На рубеже 70--80-х годов число ремесленников возросло и среди молодежи. При этом процесс обратного свойства идет отнюдь не с той интенсивностью, какая воз­можна, казалось бы, в общественных условиях наших дней — вре­мени перестройки. Отсюда множество картин и картинок сред­него качества, поток никого особенно не затрагивающих, конъ­юнктурных произведений, мимо которых зритель проходит на выставках. В основном это работы, перемалывающие общепри­нятые традиции советского изобразительного искусства в специ­фический жанр более или менее пестрой, эффектной, декора­тивной картины-панно. По сути, она лишена содержания, чужда каких бы то ни было проблем. О таких опусах здесь не было смысла писать. То лучшее, что в них сохраняется,— отзвуки откры­тий более раннего времени. Такие работы и их создатели словно бы вне динамики художественного сознания; им неведомо, чем живут в наши дни молодые силы искусства.
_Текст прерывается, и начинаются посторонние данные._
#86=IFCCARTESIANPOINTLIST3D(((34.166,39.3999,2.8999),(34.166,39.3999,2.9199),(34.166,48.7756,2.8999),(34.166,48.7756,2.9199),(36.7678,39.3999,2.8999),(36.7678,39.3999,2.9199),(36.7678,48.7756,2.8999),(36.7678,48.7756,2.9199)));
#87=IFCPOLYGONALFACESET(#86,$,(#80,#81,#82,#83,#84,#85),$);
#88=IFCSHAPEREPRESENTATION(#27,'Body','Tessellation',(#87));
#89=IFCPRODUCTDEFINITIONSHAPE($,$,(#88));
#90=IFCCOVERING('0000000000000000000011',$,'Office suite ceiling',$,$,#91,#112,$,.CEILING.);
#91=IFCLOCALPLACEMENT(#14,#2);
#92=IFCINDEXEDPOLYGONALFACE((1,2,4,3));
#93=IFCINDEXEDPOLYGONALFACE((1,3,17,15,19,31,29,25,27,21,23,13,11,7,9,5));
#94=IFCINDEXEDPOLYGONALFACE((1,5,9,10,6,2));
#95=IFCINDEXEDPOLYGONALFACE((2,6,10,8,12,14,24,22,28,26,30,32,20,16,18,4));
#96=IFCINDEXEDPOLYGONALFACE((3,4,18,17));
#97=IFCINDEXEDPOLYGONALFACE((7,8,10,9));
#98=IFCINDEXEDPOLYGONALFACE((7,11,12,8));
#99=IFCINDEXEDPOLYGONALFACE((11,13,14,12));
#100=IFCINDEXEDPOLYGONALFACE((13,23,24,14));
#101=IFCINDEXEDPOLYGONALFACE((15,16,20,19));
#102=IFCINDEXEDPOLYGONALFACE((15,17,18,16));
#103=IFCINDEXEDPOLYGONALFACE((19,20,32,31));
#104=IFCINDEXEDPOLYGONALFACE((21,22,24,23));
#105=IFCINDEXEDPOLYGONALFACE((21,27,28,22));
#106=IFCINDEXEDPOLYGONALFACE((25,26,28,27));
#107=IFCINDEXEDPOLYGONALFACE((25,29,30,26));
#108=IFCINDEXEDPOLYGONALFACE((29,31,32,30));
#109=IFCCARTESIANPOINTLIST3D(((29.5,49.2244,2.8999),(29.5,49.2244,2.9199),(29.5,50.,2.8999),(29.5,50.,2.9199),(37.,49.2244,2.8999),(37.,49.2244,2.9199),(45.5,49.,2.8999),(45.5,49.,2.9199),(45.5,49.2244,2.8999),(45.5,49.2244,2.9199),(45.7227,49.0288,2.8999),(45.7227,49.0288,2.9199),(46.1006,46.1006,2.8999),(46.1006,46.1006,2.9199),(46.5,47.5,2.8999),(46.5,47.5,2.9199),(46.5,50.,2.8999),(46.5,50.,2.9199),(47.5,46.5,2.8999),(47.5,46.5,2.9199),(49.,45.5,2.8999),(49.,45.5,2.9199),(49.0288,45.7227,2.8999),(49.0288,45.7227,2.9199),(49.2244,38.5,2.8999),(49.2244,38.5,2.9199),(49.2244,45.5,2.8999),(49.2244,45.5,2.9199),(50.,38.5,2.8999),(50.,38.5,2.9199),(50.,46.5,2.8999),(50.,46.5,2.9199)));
Рядом с этим на молодежных выставках последнего вре­мени проявилась еще одна позиция. Ее открытое, публичное вы­ражение стало закономерным следствием демократизации нашей общественной и культурной жизни. Поиски, более или менее па­раллельные развитию авангарда в зарубежном искусстве второй половины XX века, и раньше занимали определенную часть художников в нашей стране. Однако на протяжении 1950—1970-х годов они выступали в качестве альтернативы художественной политике, проводившейся государственными органами культуры и Союзом художников. Вытесненный за пределы общедоступных выставок, наш «авангард» образовал некую «нишу», и это поло­жение имело свои минусы и свои плюсы для его представителей. Перипетии их творчества — реальный феномен нашей культурной жизни, до сих пор не получивший научно-критической оценки. Такая задача не ставилась и в пределах этого реферата, потому, что ее решению должно предшествовать исследование соответствую­щего материала — специальное погружение в ту самую «нишу», что жила изолированно от процессов, о которых шла речь. В течение 1986—1987 годов, однако, преграды, вычле­нявшие этот слой творческой практики из ее совокупности, оказались сняты новой общественной ситуацией. Произведения нео­авангардистского плана появились и на молодежных выставках, и на «взрослых». Авангардистская альтернатива стала реальной проблемой для широкого круга художников и для зрителя. Тем самым наряду с реалистической установкой и ее антиподом, конформистским ремесленничеством, перед молодыми как бы возник «третий путь»: перспектива искусства, заявляющего о своей независимости от прочих областей социальной практики, от общепринятой, традиционной иерархии материальных и духов­ных ценностей жизни.